In practice, this score is used as an **approximation** to the exact mixed multinomial/Gaussian model: instead of fitting multinomial conditional distributions directly, we fit a degenerate Gaussian model to the indicator variables and the continuous variables.

## Score form (conceptual)

The score is a BIC-type criterion of the form:

- “BIC” is approximately **two times the maximized log-likelihood** of the (local) degenerate Gaussian model,
- minus a penalty proportional to the **effective number of free parameters** times the logarithm of the (effective) sample size.

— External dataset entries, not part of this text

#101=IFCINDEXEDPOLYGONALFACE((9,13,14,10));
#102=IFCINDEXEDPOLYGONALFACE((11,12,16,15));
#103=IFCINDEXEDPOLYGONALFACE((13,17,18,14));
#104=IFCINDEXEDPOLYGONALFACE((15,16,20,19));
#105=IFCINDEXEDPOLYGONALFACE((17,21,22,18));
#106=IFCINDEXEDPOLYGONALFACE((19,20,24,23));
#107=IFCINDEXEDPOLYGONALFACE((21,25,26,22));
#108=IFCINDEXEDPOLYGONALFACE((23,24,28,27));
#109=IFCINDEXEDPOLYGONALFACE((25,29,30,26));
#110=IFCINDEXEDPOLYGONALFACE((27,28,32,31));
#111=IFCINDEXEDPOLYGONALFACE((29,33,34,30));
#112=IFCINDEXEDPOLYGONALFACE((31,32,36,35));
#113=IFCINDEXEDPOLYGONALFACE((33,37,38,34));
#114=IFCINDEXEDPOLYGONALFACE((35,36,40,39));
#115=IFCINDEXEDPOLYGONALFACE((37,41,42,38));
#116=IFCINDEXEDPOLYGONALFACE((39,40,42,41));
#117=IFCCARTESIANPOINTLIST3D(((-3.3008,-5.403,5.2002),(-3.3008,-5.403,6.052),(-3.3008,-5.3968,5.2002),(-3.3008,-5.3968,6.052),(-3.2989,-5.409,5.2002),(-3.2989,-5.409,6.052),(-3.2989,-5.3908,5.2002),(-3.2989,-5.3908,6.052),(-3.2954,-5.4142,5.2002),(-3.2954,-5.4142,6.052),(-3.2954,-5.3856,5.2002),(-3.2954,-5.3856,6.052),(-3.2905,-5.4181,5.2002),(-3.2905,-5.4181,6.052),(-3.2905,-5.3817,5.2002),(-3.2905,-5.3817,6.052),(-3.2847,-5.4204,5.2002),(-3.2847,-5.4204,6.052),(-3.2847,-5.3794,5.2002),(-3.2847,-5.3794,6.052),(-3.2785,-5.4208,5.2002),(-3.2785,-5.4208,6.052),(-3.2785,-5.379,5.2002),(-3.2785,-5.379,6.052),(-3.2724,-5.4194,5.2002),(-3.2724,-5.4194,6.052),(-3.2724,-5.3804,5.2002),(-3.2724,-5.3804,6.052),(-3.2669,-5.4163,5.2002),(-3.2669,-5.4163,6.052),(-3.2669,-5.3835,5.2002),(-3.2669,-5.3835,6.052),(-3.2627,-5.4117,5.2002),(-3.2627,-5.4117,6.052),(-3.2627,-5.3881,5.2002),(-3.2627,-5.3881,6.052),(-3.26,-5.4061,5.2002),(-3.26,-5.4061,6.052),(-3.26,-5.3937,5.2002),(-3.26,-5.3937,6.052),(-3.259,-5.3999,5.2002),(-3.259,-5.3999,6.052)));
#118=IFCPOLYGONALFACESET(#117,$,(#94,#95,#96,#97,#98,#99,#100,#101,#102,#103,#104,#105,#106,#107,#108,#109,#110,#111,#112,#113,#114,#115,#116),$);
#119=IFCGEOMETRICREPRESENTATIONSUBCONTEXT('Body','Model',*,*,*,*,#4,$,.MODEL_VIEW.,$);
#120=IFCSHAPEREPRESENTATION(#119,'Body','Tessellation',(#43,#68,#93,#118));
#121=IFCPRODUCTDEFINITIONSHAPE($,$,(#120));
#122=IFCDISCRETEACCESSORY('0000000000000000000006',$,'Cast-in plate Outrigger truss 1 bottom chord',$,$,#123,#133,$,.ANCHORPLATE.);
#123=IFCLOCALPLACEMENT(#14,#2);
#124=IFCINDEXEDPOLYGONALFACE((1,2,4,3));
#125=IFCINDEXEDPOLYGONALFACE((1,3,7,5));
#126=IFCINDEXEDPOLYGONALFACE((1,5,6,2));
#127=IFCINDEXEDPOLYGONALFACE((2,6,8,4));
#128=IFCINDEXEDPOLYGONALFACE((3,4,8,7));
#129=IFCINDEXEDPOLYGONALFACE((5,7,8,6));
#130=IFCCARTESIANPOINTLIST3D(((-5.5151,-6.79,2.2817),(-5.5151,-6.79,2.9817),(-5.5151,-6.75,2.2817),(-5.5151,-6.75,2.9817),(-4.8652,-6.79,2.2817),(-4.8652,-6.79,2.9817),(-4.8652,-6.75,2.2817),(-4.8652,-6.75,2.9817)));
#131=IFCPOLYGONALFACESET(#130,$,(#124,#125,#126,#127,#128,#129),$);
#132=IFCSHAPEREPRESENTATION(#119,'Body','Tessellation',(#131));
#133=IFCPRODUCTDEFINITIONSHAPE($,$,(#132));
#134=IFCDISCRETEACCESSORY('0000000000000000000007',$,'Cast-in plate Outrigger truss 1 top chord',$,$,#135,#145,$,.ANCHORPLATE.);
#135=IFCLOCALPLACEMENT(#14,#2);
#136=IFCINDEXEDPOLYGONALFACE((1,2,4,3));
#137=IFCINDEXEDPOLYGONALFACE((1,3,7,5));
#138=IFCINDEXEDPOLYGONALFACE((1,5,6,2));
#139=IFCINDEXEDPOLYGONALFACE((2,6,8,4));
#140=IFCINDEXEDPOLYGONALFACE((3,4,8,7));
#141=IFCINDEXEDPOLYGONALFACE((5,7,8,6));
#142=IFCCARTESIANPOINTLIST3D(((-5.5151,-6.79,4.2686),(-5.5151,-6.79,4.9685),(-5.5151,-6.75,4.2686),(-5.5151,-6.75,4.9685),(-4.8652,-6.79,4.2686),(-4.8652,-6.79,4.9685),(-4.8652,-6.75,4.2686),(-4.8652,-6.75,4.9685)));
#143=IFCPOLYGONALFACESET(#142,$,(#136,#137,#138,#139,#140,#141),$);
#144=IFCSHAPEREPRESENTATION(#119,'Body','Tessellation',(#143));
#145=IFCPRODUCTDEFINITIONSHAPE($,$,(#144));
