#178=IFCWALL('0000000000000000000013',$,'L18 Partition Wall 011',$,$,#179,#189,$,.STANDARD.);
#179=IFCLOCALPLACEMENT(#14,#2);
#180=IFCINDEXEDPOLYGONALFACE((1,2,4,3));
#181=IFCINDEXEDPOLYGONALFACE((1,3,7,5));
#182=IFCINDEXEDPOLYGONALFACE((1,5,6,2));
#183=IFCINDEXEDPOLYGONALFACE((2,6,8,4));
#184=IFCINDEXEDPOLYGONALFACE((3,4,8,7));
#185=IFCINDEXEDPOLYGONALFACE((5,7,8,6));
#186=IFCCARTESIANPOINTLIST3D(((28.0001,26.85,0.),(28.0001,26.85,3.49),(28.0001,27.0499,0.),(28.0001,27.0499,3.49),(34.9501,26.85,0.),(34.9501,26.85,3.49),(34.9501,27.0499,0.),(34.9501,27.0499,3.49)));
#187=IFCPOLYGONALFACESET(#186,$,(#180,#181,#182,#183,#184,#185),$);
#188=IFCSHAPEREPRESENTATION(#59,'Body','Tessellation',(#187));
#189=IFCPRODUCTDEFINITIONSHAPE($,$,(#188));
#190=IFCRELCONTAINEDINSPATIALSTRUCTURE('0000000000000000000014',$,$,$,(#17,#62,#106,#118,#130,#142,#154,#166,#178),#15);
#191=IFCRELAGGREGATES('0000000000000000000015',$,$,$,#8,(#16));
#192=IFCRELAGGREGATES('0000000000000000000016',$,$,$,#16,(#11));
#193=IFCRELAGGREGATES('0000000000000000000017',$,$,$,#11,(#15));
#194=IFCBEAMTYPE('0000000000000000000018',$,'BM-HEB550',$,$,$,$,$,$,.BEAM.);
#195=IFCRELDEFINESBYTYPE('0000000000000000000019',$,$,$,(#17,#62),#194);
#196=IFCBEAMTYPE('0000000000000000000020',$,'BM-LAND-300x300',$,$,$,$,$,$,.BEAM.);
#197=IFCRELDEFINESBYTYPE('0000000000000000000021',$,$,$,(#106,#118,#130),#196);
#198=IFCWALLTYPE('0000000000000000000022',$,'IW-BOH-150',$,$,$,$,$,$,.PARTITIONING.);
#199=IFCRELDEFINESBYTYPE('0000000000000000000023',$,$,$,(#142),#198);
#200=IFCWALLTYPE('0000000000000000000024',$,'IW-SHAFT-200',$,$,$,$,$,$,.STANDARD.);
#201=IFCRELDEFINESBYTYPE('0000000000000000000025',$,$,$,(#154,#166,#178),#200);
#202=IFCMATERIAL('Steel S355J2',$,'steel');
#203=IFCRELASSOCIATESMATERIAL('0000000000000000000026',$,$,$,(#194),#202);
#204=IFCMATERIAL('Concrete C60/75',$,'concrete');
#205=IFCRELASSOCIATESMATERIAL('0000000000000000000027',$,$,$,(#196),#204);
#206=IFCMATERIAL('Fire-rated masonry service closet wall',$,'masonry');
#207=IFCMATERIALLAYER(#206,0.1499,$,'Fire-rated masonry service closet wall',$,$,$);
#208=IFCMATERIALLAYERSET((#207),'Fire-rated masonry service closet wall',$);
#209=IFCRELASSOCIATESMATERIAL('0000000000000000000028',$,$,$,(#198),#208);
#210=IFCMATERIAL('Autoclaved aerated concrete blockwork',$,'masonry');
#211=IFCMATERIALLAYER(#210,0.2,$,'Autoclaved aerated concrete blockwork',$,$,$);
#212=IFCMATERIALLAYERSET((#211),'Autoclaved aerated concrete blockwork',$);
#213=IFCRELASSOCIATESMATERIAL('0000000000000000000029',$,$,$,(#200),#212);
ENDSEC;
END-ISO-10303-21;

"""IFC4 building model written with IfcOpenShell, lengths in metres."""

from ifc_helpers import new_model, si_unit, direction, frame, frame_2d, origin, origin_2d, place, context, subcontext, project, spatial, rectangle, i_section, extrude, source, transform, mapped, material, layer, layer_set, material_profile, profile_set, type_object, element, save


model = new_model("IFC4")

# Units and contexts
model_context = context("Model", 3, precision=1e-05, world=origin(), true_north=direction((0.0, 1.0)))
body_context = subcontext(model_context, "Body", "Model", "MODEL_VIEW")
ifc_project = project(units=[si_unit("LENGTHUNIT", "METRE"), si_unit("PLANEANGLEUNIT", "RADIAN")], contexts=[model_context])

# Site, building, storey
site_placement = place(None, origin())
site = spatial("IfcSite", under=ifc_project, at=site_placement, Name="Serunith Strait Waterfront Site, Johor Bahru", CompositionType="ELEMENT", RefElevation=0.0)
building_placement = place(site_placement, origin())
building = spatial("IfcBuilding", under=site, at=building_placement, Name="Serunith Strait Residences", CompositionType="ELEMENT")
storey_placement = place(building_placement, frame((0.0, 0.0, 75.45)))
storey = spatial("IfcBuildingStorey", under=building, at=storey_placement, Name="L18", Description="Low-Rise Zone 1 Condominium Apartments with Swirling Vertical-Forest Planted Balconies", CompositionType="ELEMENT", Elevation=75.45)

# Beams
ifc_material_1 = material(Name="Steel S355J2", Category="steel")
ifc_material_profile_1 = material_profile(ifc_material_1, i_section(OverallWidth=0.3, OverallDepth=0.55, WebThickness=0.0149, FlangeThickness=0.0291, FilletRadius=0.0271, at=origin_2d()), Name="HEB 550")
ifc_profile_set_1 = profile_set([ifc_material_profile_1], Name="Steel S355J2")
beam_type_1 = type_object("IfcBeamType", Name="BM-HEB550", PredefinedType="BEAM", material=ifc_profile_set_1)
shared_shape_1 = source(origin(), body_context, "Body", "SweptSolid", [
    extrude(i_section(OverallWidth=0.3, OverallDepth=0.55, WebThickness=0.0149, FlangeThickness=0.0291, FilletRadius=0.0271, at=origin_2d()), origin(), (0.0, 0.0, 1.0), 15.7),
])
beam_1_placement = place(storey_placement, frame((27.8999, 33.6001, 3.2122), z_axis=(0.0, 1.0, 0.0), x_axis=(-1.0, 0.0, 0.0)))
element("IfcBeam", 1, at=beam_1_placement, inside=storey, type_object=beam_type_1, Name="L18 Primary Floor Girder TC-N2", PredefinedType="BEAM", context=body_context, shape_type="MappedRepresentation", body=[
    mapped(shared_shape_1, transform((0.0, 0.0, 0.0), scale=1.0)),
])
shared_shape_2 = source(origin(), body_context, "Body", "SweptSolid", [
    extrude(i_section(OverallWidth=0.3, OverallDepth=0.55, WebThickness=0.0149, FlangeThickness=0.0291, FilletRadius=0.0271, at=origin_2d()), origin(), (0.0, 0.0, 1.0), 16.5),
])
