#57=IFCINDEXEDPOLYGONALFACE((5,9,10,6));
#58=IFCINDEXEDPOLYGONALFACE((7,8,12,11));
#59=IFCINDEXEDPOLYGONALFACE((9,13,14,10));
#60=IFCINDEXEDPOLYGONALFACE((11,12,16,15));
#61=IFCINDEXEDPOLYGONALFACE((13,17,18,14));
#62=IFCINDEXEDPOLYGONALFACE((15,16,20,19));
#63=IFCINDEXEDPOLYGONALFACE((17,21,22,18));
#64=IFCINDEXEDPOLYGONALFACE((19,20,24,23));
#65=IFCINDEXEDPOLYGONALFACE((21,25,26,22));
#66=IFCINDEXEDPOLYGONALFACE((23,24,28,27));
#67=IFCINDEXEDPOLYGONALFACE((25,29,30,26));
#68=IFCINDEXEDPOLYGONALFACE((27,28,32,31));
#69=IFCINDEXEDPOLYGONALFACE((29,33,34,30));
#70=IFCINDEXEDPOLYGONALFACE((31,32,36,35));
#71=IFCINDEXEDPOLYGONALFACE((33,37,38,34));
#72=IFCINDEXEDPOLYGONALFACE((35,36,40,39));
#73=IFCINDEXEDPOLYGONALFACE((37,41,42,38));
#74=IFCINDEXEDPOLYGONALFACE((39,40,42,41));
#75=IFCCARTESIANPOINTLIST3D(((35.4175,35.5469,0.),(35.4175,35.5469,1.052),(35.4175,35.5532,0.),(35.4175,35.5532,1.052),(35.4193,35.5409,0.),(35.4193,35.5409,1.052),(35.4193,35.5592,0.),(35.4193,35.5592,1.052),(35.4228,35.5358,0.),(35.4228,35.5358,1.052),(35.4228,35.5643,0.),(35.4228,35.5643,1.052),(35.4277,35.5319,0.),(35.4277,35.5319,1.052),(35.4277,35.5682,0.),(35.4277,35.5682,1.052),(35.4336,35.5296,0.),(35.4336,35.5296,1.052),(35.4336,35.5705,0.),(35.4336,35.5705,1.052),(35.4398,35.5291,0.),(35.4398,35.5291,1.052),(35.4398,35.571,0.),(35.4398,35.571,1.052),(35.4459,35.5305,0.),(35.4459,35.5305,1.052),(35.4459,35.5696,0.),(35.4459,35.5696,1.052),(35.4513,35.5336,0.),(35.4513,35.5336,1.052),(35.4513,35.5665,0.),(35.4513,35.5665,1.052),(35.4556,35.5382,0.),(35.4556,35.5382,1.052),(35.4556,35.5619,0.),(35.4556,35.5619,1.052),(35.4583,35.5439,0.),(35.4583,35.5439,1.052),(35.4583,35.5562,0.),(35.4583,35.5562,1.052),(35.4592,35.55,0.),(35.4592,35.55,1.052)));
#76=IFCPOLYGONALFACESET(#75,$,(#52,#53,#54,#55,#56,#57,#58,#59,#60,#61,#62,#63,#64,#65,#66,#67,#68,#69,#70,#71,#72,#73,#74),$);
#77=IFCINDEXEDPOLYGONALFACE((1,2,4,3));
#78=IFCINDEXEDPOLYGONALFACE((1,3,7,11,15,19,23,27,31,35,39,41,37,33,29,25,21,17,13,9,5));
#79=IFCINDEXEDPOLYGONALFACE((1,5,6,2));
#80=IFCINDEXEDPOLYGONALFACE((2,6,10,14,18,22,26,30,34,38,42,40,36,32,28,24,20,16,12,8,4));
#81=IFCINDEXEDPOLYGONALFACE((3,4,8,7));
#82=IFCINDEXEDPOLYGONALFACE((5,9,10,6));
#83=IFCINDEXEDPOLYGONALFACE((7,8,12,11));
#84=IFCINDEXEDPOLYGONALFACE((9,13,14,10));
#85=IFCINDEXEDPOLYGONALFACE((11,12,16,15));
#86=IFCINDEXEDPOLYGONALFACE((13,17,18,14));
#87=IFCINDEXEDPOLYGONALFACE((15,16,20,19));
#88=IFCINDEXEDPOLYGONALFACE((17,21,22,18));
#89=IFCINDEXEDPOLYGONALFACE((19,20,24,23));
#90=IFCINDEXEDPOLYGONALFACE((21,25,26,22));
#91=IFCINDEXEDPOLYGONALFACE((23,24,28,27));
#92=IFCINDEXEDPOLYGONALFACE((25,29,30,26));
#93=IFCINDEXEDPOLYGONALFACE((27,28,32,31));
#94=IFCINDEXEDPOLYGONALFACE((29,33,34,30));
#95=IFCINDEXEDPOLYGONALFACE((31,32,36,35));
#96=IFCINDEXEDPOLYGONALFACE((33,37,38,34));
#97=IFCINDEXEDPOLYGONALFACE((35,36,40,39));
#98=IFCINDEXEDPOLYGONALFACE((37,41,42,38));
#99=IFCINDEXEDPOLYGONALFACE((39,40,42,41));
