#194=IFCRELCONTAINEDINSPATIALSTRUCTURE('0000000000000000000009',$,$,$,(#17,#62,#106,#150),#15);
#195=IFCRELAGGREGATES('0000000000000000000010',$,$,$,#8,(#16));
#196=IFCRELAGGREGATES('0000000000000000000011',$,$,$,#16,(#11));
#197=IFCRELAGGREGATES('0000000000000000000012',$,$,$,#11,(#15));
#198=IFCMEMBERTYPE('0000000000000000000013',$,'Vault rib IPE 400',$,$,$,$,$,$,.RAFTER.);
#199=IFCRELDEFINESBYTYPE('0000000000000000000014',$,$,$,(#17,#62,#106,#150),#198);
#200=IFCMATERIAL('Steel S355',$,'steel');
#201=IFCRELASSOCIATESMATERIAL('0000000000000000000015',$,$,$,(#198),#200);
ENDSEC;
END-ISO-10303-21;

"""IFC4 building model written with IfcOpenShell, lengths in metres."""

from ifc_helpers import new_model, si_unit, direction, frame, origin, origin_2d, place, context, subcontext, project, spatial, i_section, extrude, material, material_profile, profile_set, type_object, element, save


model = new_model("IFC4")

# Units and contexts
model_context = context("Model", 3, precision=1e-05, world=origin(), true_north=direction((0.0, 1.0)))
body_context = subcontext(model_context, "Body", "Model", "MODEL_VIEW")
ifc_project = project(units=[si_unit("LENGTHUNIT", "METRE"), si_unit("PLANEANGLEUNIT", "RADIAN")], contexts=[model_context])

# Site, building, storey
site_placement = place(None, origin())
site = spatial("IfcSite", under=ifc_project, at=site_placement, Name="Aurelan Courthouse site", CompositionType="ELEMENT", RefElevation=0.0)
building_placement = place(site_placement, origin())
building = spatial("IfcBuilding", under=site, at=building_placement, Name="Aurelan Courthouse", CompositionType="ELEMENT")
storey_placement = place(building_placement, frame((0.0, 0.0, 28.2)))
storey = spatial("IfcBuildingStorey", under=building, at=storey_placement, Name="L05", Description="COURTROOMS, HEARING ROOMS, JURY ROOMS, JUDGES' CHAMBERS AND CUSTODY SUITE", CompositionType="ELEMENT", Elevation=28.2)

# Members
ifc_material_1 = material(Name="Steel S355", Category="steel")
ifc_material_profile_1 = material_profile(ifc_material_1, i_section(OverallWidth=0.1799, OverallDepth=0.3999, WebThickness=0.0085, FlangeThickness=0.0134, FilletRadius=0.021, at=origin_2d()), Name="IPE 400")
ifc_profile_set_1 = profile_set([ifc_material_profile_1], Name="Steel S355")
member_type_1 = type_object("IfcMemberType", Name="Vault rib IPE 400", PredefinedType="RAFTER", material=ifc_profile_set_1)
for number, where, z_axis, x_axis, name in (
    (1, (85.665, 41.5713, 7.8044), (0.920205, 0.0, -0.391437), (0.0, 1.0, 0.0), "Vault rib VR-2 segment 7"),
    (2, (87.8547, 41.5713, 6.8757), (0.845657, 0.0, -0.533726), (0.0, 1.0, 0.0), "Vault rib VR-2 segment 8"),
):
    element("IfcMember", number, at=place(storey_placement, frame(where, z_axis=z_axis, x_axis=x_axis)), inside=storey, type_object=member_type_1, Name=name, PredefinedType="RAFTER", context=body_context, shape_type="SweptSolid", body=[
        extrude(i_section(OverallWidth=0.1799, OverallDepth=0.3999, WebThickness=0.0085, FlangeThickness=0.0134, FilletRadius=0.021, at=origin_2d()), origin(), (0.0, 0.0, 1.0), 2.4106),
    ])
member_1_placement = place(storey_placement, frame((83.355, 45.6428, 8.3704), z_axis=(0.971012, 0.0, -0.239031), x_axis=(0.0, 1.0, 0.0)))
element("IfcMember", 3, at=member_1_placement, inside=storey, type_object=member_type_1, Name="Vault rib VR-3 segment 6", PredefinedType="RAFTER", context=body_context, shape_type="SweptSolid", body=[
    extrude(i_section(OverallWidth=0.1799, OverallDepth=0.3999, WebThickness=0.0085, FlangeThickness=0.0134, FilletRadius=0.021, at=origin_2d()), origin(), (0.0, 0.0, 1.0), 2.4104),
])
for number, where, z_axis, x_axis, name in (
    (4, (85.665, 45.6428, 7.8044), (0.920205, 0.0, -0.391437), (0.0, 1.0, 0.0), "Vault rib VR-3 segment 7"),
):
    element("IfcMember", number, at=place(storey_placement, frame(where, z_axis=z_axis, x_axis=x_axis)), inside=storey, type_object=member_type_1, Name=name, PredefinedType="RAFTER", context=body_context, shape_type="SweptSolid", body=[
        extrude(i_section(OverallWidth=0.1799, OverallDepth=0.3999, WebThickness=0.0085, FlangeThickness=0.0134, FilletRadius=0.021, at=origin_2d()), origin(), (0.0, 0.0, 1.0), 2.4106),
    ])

Because the covariance structure is allowed to be singular, the implementation uses linear algebra routines that can handle rank deficiency (for example, via regularization or pseudo-inverse techniques) when computing the likelihood.

## Parameters

| Parameter (camelCase)       | Description |
|-----------------------------|-------------|
| `penaltyDiscount`           | Double ≥ 0.0. The penalty multiplier “c” in the modified BIC-type criterion (for example, a score of the form 2·log-likelihood − c·k·log(N), where k is the number of free parameters and N is the sample size). Larger values impose a stronger complexity penalty and yield sparser graphs; smaller values allow denser graphs. Default is 2.0. |
| `structurePrior`            | Double ≥ 0.0. Structure prior coefficient controlling a binomial-style prior on the number of parents per node. When 0.0 (default), the score uses essentially a flat structure prior. Increasing this value encodes a stronger preference for a particular expected parent count and can bias the search toward graphs with that typical in-degree. |
| `precomputeCovariances`     | Boolean. If `true`, precomputes and caches covariance (and possibly cross-covariance) matrices used by the score. This speeds up repeated scoring at the cost of additional memory. If `false`, covariance quantities are recomputed on the fly, which saves memory but can be slower for large graphs or many score evaluations. |
| `singularityLambda`         | Double. Handles singular or nearly singular covariance matrices. If `singularityLambda > 0`, that value is added to the diagonal (a ridge term) to stabilize inverses. If `singularityLambda < 0`, a pseudoinverse is used instead. Default is 0.0. Use a small positive value when you see numerical-singularity warnings. |
| `effectiveSampleSize`       | Double > 0, or `-1`. If `-1` (default), the actual sample size N is used in the log(N) penalty term. If set to a positive value, the score behaves as if that were the sample size (for example, when you want to treat weighted or subsampled data as having a different effective N). |

## Strengths

- Handles **mixed multinomial/Gaussian** data through a unified (approximate) Gaussian framework.
- Can be much faster than fully nonparametric or exact multinomial likelihoods, especially when there are many discrete variables or categories.
- Designed to work even when the expanded indicator representation leads to **degenerate covariance matrices**.
- Integrates seamlessly with existing score-based search algorithms in Tetrad.

## Limitations

- The multinomial components are approximated via a **degenerate Gaussian model** on indicator variables, rather than using exact multinomial likelihoods. This is an approximation and may be less accurate when category probabilities are very extreme or sample sizes are very small for some configurations.
- As the number of categories and discrete parents grows, the indicator expansion can lead to many columns and potential numerical issues, making regularization important.
- Like any BIC-type score, performance depends on how well the underlying (approximate) model family matches the true data-generating process.

## References

- Andrews, B., Ramsey, J. D., & Cooper, G. F. (2019). Learning high-dimensional directed acyclic graphs with mixed data-types. In *Proceedings of the 2019 KDD Workshop on Causal Discovery* (CD@KDD 2019), PMLR 104, 4–21.
- Ramsey, J. D., Andrews, B., & Spirtes, P. (2024). *Choosing DAG models using Markov and minimal edge count in the absence of ground truth.* arXiv:2409.20187.